The contrasting data point cited simply by Meeker is that internet penetration offers reached about  50 percent of the worldwide population, making growth harder to get. This leads inevitably to a half-empty, half-full interpretation. I would argue that as the remaining opportunity is not 50 percent, it’ s also not 10 percent. Appropriately, there is room for new internet users — and the majority of those will likely be mobile phone users first and foremost.
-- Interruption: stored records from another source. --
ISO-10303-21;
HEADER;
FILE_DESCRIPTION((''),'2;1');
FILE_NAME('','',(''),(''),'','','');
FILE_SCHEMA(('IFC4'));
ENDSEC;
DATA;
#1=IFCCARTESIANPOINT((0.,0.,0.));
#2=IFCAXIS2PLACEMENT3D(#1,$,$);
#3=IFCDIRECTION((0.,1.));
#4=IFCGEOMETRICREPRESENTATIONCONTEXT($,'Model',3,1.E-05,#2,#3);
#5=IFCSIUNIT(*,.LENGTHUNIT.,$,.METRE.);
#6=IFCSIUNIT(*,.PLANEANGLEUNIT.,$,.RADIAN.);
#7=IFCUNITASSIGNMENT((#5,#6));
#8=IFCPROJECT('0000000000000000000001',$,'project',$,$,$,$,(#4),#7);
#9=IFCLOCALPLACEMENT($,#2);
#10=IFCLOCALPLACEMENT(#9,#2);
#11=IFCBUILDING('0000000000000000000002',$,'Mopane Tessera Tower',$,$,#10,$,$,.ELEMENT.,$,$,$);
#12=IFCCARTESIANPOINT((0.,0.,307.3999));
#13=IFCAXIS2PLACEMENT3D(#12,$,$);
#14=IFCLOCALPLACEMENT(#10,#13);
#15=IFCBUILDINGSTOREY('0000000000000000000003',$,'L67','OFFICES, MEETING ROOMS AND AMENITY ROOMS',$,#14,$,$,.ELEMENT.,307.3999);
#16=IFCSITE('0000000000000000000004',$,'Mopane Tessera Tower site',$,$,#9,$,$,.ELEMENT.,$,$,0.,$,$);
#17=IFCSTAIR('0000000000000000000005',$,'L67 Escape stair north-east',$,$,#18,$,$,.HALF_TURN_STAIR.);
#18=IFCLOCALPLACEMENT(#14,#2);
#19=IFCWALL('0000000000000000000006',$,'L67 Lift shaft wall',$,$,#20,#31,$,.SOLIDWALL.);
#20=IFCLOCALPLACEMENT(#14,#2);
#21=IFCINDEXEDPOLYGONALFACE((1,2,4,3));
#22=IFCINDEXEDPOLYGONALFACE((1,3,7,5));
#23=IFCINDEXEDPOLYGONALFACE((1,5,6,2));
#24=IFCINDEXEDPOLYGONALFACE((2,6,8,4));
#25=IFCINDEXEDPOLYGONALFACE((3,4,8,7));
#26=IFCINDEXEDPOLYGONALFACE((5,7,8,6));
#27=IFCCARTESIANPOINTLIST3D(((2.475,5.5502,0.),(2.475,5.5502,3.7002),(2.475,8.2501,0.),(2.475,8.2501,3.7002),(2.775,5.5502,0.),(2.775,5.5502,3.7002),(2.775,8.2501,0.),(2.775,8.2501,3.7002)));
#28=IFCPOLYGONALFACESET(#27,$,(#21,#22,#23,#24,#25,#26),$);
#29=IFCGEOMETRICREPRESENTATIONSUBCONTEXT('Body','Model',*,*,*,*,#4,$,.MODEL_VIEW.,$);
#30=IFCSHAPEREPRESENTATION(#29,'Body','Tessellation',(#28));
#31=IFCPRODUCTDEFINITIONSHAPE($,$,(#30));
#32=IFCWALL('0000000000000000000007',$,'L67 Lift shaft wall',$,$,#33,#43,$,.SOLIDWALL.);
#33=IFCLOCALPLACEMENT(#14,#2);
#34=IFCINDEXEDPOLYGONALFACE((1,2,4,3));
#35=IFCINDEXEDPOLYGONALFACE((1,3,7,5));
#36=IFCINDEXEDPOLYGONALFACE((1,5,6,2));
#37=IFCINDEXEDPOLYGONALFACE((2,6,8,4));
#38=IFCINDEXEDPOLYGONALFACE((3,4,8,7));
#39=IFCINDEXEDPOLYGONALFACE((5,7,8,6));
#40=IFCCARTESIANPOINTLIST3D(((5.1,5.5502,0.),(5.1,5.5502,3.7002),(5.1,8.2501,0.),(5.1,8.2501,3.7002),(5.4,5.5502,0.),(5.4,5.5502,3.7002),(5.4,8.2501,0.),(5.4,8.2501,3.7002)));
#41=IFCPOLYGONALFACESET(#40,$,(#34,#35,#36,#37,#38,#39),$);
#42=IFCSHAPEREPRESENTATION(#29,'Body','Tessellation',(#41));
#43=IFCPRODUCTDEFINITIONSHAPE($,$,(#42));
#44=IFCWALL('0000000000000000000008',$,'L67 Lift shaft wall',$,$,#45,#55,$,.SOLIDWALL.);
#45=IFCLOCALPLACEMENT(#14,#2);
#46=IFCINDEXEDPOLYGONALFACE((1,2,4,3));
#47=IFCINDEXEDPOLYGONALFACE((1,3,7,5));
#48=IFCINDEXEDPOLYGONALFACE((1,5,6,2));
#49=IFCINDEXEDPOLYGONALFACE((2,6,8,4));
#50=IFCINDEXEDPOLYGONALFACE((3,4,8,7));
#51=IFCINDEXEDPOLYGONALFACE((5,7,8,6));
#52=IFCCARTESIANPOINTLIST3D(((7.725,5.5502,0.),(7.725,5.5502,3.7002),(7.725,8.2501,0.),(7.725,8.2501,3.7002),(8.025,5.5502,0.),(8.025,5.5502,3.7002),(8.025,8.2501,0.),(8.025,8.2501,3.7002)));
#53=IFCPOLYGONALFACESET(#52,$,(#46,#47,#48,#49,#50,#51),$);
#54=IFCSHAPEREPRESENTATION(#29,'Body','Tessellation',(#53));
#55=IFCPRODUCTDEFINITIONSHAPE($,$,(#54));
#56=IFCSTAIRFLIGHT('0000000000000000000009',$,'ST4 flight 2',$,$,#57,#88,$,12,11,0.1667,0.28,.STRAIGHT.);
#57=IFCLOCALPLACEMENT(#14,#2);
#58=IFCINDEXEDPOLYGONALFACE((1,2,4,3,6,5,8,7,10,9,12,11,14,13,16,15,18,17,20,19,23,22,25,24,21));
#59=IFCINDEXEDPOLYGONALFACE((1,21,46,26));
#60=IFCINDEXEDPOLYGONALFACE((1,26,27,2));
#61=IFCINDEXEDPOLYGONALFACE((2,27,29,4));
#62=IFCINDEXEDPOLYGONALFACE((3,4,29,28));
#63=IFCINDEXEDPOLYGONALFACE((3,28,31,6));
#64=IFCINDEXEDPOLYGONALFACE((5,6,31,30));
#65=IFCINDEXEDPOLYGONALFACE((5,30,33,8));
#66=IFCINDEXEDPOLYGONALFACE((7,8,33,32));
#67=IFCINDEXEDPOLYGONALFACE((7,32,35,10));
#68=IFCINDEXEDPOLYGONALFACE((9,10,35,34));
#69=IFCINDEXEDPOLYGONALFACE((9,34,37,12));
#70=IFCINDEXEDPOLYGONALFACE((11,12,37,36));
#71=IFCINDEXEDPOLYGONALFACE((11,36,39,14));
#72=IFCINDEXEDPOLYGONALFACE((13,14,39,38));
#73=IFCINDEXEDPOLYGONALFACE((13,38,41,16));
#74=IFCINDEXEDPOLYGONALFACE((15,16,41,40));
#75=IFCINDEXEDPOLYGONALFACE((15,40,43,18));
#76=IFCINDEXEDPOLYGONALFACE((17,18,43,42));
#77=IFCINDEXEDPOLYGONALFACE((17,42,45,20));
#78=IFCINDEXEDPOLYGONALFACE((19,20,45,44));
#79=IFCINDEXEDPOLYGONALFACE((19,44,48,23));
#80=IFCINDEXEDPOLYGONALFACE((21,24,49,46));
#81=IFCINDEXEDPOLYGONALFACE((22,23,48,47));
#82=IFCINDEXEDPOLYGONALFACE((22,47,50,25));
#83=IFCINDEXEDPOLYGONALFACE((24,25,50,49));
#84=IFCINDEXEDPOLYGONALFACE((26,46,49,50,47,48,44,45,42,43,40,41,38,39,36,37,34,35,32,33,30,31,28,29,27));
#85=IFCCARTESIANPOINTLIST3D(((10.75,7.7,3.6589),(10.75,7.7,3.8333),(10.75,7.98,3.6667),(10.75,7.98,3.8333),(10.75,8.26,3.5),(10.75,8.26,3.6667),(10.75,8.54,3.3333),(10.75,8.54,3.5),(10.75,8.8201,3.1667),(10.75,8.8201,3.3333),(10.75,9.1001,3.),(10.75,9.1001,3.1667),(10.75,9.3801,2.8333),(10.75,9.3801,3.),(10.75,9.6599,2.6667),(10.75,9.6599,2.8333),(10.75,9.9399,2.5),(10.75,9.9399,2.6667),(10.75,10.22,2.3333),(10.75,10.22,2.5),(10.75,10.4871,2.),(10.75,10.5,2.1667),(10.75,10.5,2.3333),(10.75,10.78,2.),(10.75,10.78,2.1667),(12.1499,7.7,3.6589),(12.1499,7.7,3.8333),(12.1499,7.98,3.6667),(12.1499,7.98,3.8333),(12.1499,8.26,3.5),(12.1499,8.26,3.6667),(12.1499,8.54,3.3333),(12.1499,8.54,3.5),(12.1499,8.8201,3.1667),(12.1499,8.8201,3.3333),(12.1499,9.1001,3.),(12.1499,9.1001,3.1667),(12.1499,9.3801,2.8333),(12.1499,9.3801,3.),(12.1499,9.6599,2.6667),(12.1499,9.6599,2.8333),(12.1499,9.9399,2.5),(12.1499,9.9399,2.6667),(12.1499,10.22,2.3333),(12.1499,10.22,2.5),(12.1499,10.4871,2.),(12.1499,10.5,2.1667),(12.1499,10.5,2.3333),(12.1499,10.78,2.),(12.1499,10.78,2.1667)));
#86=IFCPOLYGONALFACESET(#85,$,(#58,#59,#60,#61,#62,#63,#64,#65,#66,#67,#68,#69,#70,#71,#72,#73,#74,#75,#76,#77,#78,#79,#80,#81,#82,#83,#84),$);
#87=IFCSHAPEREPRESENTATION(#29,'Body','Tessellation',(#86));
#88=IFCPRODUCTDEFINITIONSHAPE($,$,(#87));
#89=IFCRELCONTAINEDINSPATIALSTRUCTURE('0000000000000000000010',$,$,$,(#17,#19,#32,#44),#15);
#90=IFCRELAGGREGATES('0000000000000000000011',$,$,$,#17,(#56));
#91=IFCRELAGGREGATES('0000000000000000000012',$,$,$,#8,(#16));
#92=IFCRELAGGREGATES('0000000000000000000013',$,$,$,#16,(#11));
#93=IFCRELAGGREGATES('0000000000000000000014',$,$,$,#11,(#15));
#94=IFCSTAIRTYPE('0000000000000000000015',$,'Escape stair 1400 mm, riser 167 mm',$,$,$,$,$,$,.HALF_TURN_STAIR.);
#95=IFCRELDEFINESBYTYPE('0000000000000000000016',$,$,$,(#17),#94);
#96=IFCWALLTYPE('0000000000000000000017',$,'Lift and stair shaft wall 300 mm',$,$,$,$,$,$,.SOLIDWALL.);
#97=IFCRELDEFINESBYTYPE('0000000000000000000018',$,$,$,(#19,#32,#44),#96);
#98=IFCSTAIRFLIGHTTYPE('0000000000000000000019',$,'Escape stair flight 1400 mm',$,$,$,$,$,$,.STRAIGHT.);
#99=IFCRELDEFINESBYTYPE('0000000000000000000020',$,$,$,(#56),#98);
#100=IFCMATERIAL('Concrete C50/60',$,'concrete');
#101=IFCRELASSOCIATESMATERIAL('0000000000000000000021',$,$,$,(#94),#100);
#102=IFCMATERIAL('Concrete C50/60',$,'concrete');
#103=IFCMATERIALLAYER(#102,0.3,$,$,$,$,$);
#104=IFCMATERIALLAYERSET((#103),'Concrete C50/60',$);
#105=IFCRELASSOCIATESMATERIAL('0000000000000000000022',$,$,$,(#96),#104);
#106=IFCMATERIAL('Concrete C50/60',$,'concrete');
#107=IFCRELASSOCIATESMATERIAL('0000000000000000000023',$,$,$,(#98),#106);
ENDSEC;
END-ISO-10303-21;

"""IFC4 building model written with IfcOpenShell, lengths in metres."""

from ifc_helpers import new_model, si_unit, direction, frame, frame_2d, origin, place, context, subcontext, project, spatial, polyline, rectangle, outline, extrude, material, layer, layer_set, type_object, element, aggregate, save


model = new_model("IFC4")

# Units and contexts
model_context = context("Model", 3, precision=1e-05, world=origin(), true_north=direction((0.0, 1.0)))
body_context = subcontext(model_context, "Body", "Model", "MODEL_VIEW")
ifc_project = project(units=[si_unit("LENGTHUNIT", "METRE"), si_unit("PLANEANGLEUNIT", "RADIAN")], contexts=[model_context])

# Site, building, storey
site_placement = place(None, origin())
site = spatial("IfcSite", under=ifc_project, at=site_placement, Name="Mopane Tessera Tower site", CompositionType="ELEMENT", RefElevation=0.0)
building_placement = place(site_placement, origin())
building = spatial("IfcBuilding", under=site, at=building_placement, Name="Mopane Tessera Tower", CompositionType="ELEMENT")
storey_placement = place(building_placement, frame((0.0, 0.0, 307.3999)))
storey = spatial("IfcBuildingStorey", under=building, at=storey_placement, Name="L67", Description="OFFICES, MEETING ROOMS AND AMENITY ROOMS", CompositionType="ELEMENT", Elevation=307.3999)

# Stair
ifc_material_1 = material(Name="Concrete C50/60", Category="concrete")
stair_type = type_object("IfcStairType", Name="Escape stair 1400 mm, riser 167 mm", PredefinedType="HALF_TURN_STAIR", material=ifc_material_1)
stair_1_placement = place(storey_placement, origin())
stair_1 = element("IfcStair", 1, at=stair_1_placement, inside=storey, type_object=stair_type, Name="L67 Escape stair north-east", PredefinedType="HALF_TURN_STAIR")

# Shared definitions
ifc_material_2 = material(Name="Concrete C50/60", Category="concrete")
ifc_layer_1 = layer(ifc_material_2, 0.3)
ifc_layer_set_1 = layer_set([ifc_layer_1], Name="Concrete C50/60")
wall_type_1 = type_object("IfcWallType", Name="Lift and stair shaft wall 300 mm", PredefinedType="SOLIDWALL", material=ifc_layer_set_1)

# Walls
for number, where, z_axis, x_axis, name in (
    (2, (2.625, 5.55, 0.0), (0.0, 0.0, 1.0), (0.0, 1.0, 0.0), "L67 Lift shaft wall"),
    (3, (5.25, 5.55, 0.0), (0.0, 0.0, 1.0), (0.0, 1.0, 0.0), "L67 Lift shaft wall"),
    (4, (7.875, 5.55, 0.0), (0.0, 0.0, 1.0), (0.0, 1.0, 0.0), "L67 Lift shaft wall"),
):
    element("IfcWall", number, at=place(storey_placement, frame(where, z_axis=z_axis, x_axis=x_axis)), inside=storey, type_object=wall_type_1, Name=name, PredefinedType="SOLIDWALL", context=body_context, shape_type="SweptSolid", body=[
        extrude(rectangle(XDim=2.7, YDim=0.3, at=frame_2d((1.3501, 0.0))), origin(), (0.0, 0.0, 1.0), 3.7002),
    ])

# Stair flight
ifc_material_3 = material(Name="Concrete C50/60", Category="concrete")
stair_flight_type = type_object("IfcStairFlightType", Name="Escape stair flight 1400 mm", PredefinedType="STRAIGHT", material=ifc_material_3)
stair_flight_placement = place(storey_placement, frame((11.45, 10.78, 2.0), z_axis=(0.0, 0.0, 1.0), x_axis=(0.0, -1.0, 0.0)))
stair_flight = element("IfcStairFlight", 5, at=stair_flight_placement, type_object=stair_flight_type, Name="ST4 flight 2", NumberOfRisers=12, NumberOfTreads=11, PredefinedType="STRAIGHT", RiserHeight=0.1667, TreadLength=0.28, context=body_context, shape_type="SweptSolid", body=[
    extrude(outline(polyline([(0.0, 0.0), (0.0, 0.1667), (0.28, 0.1667), (0.28, 0.3333), (0.5601, 0.3333), (0.5601, 0.5), (0.8401, 0.5), (0.8401, 0.6667), (1.1201, 0.6667), (1.1201, 0.8333), (1.3999, 0.8333), (1.3999, 1.0), (1.6799, 1.0), (1.6799, 1.1667), (1.96, 1.1667), (1.96, 1.3333), (2.24, 1.3333), (2.24, 1.5), (2.52, 1.5), (2.52, 1.6667), (2.8, 1.6667), (2.8, 1.8333), (3.0801, 1.8333), (3.0801, 2.0), (3.0801, 1.6589), (0.293, 0.0), (0.0, 0.0)])), frame((0.0, 0.7, 0.0), z_axis=(0.0, -1.0, 0.0), x_axis=(1.0, 0.0, 0.0)), (0.0, 0.0, 1.0), 1.3999),
])
aggregate(stair_1, [stair_flight])

save(model, "model.ifc")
One more bit of positive news is that period spent with digital media proceeds grow, and smartphones continue to rule that time. Time spent accessing the web through smartphones saw incremental development compared with flat to declining development for desktop and laptop computers. Particularly noteworthy in the chart below is usually growth in time spent with wise speakers (other connected devices).

So where does all this creates, and how should marketers respond? In a single sense, there’ s nothing to find out here. I would submit the following:

  • There’ s nevertheless meaningful global headroom for web growth, which will be via smartphone.
  • The US market is close to smartphone saturation, but usage have not peaked.
  • Time invested with digital media will carry on and grow on non-PC devices: mobile phones, smart speakers and other connected products.
  • Most digital ad revenue development is coming from mobile , which will continue into the foreseeable future.
  • Revenues at Google, Facebook, Amazon . com and other large publishers are progressively mobile.
  • Future web commerce growth will be driven more simply by mobile than the PC.
  • Social commerce will be dominated simply by mobile.
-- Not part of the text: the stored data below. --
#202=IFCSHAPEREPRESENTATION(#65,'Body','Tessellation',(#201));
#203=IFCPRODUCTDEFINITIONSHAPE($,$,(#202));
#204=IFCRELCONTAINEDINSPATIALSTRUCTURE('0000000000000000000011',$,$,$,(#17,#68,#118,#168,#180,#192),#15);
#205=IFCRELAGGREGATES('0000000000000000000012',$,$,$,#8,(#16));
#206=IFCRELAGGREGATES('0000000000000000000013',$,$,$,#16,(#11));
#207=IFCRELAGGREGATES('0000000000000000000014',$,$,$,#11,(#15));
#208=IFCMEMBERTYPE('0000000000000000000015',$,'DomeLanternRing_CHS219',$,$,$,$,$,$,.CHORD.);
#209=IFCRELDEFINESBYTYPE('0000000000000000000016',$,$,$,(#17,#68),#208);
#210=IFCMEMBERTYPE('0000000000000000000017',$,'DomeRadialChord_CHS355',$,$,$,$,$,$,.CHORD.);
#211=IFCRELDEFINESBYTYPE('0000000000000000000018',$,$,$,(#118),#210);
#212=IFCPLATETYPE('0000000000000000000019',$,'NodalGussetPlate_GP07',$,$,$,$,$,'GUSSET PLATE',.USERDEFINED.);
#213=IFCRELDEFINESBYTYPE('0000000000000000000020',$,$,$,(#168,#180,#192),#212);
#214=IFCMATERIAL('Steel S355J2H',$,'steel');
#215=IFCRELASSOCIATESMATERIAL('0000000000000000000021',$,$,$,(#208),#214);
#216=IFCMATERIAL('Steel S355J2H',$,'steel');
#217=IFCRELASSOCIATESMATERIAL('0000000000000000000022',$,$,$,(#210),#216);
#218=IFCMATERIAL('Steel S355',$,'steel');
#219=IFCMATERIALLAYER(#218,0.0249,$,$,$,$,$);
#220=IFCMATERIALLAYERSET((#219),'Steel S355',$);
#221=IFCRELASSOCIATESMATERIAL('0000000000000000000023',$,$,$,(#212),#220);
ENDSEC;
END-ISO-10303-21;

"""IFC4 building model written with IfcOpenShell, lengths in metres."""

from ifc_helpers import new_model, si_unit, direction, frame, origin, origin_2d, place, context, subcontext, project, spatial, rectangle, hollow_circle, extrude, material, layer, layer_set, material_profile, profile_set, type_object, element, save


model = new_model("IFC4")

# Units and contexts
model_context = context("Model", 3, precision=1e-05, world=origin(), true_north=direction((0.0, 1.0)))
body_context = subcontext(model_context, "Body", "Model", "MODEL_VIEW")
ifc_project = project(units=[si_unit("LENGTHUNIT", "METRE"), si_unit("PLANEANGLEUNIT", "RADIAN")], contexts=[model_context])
You might not agree with all of these bullets, but one of the various digital platforms and stations, mobile will be dominant for the near future, although smart speaker and intelligent displays will see more growth, from a smaller base.

Internet marketers must therefore continue to focus on mobile phones as the primary internet device. This means simplifying and improving mobile consumer experiences for customers — especially like a loyalty tool. The bottom line is this: There’ s no reason to change training course. Everyone must still optimize meant for mobile; that’ s where development and opportunity remain.

About The Author

Greg Sterling is a Contributing Editor at Internet search engine Land. He writes a personal weblog, Screenwerk , about connecting the dots between digital media and real-life consumer behavior. He is also VP of Strategy and Insights for that Local Search Association. Follow your pet on Tweets or find your pet at Google+ .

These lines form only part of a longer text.